O microscópio eletrônico foi projetado no início dos anos 1930 pelo físico alemão Ernst Ruska, pelo qual ele recebeu o Prêmio Nobel de Física de 1986 (junto com Gerd Binnig e Heinrich Rohrer, que dividiram a outra metade do prêmio). Quatro anos antes, o Nobel de Química de 1982 tinha ido para Aaron Klug por seu desenvolvimento da microscopia eletrônica cristalográfica e sua elucidação estrutural de complexos de ácido nucléico-proteína biologicamente importantes.
Durante grande parte da primeira metade do século 20, a determinação da estrutura das biomoléculas - proteínas, DNA e RNA - apareceu como um desafio significativo no campo da bioquímica. O conhecimento dos cientistas evoluiu constantemente nas últimas seis décadas - começando com os estudos cristalográficos pioneiros das estruturas das proteínas globulares que renderam Max F Perutz e John C Kendrew ao Nobel de Química em 1962, até o domínio da microscopia crioeletrônica (cryo-EM) para qual o Prêmio 2017 foi concedido.

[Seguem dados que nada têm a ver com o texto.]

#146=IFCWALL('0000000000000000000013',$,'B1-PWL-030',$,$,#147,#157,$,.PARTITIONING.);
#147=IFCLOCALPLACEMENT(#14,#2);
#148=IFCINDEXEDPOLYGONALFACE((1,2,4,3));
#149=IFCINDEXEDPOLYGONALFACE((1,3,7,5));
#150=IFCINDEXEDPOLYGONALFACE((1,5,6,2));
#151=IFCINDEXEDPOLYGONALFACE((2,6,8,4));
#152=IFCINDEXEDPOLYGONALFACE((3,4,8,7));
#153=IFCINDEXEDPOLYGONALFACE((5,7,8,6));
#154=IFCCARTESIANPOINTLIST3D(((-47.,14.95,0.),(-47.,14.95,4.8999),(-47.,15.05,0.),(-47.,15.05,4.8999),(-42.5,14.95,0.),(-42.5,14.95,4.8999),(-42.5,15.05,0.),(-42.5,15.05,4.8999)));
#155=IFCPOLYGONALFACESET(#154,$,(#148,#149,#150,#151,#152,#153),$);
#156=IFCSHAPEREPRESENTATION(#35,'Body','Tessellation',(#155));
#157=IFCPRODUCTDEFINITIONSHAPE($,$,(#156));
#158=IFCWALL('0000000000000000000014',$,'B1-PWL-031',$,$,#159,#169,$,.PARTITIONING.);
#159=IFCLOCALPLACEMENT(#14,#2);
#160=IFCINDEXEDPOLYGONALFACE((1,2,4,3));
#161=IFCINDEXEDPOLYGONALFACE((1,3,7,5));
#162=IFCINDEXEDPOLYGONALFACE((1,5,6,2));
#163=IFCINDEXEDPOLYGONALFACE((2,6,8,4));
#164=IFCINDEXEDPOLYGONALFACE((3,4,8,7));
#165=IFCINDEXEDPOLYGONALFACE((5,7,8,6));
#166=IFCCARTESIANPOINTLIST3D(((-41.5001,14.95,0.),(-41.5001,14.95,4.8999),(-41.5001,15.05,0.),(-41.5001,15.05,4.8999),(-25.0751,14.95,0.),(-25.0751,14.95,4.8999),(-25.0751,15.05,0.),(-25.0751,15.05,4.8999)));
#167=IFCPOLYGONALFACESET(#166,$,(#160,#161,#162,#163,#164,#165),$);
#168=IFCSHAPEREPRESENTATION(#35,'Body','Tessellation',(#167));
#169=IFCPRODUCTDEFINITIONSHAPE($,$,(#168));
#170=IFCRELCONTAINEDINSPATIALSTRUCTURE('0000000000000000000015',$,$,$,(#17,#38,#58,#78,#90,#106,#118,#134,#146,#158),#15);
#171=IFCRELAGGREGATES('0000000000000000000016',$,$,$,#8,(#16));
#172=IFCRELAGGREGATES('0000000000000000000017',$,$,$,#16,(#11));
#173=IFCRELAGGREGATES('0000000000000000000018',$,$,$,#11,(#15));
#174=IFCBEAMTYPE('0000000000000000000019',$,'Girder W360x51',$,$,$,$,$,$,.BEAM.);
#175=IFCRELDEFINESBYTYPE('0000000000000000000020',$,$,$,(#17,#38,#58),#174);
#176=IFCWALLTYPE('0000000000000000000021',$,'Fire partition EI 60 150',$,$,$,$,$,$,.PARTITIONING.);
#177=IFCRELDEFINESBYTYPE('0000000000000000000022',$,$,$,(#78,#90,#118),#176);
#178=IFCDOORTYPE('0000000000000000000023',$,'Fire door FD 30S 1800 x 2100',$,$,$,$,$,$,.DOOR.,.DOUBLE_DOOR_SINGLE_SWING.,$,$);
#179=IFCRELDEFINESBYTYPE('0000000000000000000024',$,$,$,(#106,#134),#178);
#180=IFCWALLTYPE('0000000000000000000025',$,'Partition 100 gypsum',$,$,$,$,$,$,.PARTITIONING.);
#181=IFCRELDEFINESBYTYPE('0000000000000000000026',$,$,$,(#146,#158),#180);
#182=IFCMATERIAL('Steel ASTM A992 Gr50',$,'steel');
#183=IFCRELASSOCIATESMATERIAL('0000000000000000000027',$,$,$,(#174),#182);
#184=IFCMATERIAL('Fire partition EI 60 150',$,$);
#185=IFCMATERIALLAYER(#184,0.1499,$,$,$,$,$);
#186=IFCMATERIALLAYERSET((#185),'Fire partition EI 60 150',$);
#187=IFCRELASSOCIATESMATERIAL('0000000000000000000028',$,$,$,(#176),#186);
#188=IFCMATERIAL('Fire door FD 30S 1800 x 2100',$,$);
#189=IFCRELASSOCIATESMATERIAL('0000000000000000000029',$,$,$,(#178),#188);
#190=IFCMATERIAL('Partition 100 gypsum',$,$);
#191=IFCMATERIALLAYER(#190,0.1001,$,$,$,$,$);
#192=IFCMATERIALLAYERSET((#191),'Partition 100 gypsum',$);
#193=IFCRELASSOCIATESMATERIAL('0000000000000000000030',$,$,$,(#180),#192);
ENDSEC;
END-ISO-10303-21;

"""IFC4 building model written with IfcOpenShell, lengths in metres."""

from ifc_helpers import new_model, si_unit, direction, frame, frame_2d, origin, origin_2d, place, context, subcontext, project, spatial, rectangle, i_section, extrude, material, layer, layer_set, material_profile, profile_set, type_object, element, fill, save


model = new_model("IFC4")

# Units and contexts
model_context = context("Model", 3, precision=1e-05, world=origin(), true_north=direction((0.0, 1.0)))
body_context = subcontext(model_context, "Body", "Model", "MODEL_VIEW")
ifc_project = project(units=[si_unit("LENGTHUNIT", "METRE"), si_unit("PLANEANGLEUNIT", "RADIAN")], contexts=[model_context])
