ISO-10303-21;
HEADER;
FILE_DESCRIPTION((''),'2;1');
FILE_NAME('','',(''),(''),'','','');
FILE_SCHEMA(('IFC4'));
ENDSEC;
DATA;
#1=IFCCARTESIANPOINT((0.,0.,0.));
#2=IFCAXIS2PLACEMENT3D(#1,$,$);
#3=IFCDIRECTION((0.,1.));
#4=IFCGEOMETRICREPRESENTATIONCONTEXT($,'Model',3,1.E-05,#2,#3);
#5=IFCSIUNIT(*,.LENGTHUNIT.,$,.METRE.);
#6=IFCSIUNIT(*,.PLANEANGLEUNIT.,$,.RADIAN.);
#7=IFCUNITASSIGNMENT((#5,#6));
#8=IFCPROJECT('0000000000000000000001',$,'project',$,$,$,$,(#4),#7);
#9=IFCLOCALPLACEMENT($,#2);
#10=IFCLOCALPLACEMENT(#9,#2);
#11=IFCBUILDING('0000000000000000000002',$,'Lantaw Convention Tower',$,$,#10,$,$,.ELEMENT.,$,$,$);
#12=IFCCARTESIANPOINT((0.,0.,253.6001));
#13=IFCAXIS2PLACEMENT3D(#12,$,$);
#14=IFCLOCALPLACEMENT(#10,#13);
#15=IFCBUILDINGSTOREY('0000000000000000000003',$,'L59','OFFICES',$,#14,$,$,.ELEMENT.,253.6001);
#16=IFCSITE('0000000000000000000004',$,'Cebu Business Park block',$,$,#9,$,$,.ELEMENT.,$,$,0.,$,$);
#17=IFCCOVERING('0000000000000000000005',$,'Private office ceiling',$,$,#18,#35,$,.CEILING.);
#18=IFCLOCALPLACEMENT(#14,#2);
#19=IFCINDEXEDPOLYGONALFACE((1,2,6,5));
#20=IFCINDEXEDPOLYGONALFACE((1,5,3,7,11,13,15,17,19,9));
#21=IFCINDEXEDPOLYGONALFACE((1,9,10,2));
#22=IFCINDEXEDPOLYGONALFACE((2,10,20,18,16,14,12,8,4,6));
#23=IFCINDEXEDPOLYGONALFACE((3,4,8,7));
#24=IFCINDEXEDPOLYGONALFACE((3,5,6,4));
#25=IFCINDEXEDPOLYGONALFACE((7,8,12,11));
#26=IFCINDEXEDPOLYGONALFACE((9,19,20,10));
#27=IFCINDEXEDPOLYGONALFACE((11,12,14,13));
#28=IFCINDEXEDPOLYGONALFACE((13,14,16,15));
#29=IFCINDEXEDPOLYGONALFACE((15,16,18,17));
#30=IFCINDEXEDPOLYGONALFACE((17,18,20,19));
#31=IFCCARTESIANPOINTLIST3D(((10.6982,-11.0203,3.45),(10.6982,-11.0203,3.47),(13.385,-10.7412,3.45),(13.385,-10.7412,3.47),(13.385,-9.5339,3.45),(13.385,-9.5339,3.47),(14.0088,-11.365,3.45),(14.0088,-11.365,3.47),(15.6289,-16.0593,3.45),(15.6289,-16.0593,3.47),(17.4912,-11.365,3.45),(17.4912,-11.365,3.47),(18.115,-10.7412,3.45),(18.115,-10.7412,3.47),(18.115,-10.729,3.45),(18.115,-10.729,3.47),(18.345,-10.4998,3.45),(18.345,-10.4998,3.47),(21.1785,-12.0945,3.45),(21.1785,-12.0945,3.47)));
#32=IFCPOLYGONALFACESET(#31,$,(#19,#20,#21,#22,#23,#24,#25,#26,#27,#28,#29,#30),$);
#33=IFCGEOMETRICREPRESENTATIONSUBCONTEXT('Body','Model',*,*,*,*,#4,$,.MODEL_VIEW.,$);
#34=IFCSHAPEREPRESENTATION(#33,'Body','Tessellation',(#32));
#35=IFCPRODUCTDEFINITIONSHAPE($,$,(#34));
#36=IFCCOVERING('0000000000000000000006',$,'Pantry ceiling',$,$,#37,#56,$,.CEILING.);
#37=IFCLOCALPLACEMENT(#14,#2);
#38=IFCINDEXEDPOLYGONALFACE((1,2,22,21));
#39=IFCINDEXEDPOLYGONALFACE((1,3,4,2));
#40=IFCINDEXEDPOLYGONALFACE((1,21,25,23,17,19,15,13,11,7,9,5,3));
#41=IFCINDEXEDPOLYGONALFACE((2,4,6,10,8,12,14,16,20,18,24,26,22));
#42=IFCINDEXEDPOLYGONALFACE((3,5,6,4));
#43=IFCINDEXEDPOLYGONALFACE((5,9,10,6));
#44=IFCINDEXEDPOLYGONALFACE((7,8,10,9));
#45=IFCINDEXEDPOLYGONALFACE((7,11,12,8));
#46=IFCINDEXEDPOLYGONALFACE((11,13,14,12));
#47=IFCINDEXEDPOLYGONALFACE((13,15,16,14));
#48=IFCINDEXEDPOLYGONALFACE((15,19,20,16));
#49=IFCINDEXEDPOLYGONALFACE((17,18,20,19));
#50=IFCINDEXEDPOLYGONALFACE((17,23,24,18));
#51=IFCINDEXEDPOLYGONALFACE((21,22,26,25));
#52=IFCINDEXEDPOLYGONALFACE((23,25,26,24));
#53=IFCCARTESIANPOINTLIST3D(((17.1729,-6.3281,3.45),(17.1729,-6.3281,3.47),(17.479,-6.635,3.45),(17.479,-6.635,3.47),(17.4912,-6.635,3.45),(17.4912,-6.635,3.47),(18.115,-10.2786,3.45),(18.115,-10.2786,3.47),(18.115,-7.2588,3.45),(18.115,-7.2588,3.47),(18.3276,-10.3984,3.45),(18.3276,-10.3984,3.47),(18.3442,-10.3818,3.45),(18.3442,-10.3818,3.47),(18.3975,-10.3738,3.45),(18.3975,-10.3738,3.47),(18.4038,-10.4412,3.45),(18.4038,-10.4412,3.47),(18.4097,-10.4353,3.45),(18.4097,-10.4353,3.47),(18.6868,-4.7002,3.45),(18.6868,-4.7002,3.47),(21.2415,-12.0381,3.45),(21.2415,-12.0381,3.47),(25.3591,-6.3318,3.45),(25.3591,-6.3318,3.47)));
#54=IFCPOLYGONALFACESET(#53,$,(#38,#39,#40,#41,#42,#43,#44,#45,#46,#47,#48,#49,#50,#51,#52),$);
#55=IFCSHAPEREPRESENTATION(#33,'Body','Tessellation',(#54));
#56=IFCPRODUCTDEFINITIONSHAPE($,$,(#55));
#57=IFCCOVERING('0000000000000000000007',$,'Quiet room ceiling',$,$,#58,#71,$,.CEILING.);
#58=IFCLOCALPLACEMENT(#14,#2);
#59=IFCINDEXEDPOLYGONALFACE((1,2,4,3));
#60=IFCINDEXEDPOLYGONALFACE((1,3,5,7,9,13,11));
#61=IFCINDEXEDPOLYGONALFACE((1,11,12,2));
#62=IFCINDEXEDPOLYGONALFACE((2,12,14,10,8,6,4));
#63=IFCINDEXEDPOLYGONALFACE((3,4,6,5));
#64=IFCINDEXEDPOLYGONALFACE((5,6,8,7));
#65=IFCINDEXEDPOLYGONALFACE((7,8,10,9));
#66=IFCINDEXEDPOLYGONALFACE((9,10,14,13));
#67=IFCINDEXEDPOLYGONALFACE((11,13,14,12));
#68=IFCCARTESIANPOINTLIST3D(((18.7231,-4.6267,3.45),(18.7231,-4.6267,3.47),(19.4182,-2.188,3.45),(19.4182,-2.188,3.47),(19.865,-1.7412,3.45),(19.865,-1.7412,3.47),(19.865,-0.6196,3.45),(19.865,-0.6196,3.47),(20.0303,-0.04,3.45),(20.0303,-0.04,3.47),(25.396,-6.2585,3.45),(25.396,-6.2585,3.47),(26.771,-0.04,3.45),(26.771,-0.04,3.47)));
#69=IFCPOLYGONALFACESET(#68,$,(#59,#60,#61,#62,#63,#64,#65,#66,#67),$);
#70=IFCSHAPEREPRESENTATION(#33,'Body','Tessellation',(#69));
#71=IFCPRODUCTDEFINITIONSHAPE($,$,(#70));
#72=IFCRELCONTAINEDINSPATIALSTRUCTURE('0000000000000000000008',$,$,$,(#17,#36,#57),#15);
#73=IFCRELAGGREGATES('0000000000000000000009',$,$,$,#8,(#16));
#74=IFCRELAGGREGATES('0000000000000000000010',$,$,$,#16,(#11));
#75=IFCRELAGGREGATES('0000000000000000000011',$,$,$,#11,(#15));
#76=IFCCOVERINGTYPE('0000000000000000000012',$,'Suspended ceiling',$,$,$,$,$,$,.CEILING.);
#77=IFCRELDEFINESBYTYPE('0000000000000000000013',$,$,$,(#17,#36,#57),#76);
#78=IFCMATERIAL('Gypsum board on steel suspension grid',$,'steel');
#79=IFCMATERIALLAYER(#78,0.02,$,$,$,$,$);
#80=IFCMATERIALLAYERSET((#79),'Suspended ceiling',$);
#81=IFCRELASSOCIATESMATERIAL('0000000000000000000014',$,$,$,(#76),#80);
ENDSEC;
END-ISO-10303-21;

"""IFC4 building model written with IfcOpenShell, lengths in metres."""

from ifc_helpers import new_model, si_unit, direction, frame, origin, place, context, subcontext, project, spatial, polyline, outline, extrude, material, layer, layer_set, type_object, element, save


model = new_model("IFC4")

# Units and contexts
model_context = context("Model", 3, precision=1e-05, world=origin(), true_north=direction((0.0, 1.0)))
body_context = subcontext(model_context, "Body", "Model", "MODEL_VIEW")
ifc_project = project(units=[si_unit("LENGTHUNIT", "METRE"), si_unit("PLANEANGLEUNIT", "RADIAN")], contexts=[model_context])

# Site, building, storey
site_placement = place(None, origin())
site = spatial("IfcSite", under=ifc_project, at=site_placement, Name="Cebu Business Park block", CompositionType="ELEMENT", RefElevation=0.0)
building_placement = place(site_placement, origin())
building = spatial("IfcBuilding", under=site, at=building_placement, Name="Lantaw Convention Tower", CompositionType="ELEMENT")
storey_placement = place(building_placement, frame((0.0, 0.0, 253.6001)))
storey = spatial("IfcBuildingStorey", under=building, at=storey_placement, Name="L59", Description="OFFICES", CompositionType="ELEMENT", Elevation=253.6001)

# Coverings
ifc_material_1 = material(Name="Gypsum board on steel suspension grid", Category="steel")
ifc_layer_1 = layer(ifc_material_1, 0.02)
ifc_layer_set_1 = layer_set([ifc_layer_1], Name="Suspended ceiling")
covering_type = type_object("IfcCoveringType", Name="Suspended ceiling", PredefinedType="CEILING", material=ifc_layer_set_1)
covering_1_placement = place(storey_placement, frame((0.0, 0.0, 3.45)))
element("IfcCovering", 1, at=covering_1_placement, inside=storey, type_object=covering_type, Name="Private office ceiling", PredefinedType="CEILING", context=body_context, shape_type="SweptSolid", body=[
    extrude(outline(polyline([(13.385, -10.7412), (13.385, -9.5339), (10.6982, -11.0203), (15.6289, -16.0593), (21.1785, -12.0945), (18.345, -10.4998), (18.115, -10.729), (18.115, -10.7412), (17.4912, -11.365), (14.0088, -11.365), (13.385, -10.7412)])), origin(), (0.0, 0.0, 1.0), 0.02),
])
covering_2_placement = place(storey_placement, frame((0.0, 0.0, 3.45)))
element("IfcCovering", 2, at=covering_2_placement, inside=storey, type_object=covering_type, Name="Pantry ceiling", PredefinedType="CEILING", context=body_context, shape_type="SweptSolid", body=[
    extrude(outline(polyline([(17.479, -6.635), (17.4912, -6.635), (18.115, -7.2588), (18.115, -10.2786), (18.3276, -10.3984), (18.3442, -10.3818), (18.3975, -10.3738), (18.4097, -10.4353), (18.4038, -10.4412), (21.2415, -12.0381), (25.3591, -6.3318), (18.6868, -4.7002), (17.1729, -6.3281), (17.479, -6.635)])), origin(), (0.0, 0.0, 1.0), 0.02),
])
covering_3_placement = place(storey_placement, frame((0.0, 0.0, 3.45)))
element("IfcCovering", 3, at=covering_3_placement, inside=storey, type_object=covering_type, Name="Quiet room ceiling", PredefinedType="CEILING", context=body_context, shape_type="SweptSolid", body=[
    extrude(outline(polyline([(19.4182, -2.188), (18.7231, -4.6267), (25.396, -6.2585), (26.771, -0.04), (20.0303, -0.04), (19.865, -0.6196), (19.865, -1.7412), (19.4182, -2.188)])), origin(), (0.0, 0.0, 1.0), 0.02),
])

save(model, "model.ifc")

Na década de 50, a cristalografia de raios X (exposição de cristais de proteínas aos raios X) foi usada para desenvolver modelos de biomoléculas para pesquisa e desenvolvimento; na década de 80, a espectroscopia de ressonância magnética nuclear (RMN) também foi empregada para esse fim. O uso de ambas as técnicas estava, no entanto, sujeito a limitações impostas pela natureza das biomoléculas. A cristalografia de raios X exigia cristais bem organizados - biomoléculas geralmente nunca são organizadas como cristais. E o NMR funcionou apenas para um conjunto relativamente pequeno de proteínas.
Os vencedores do Prêmio 2017 empregaram três abordagens diferentes que, juntas, superaram esses desafios, levando, como disse o Comitê do Nobel, a bioquímica a uma nova era, tornando mais fácil do que nunca a captura de imagens de biomoléculas.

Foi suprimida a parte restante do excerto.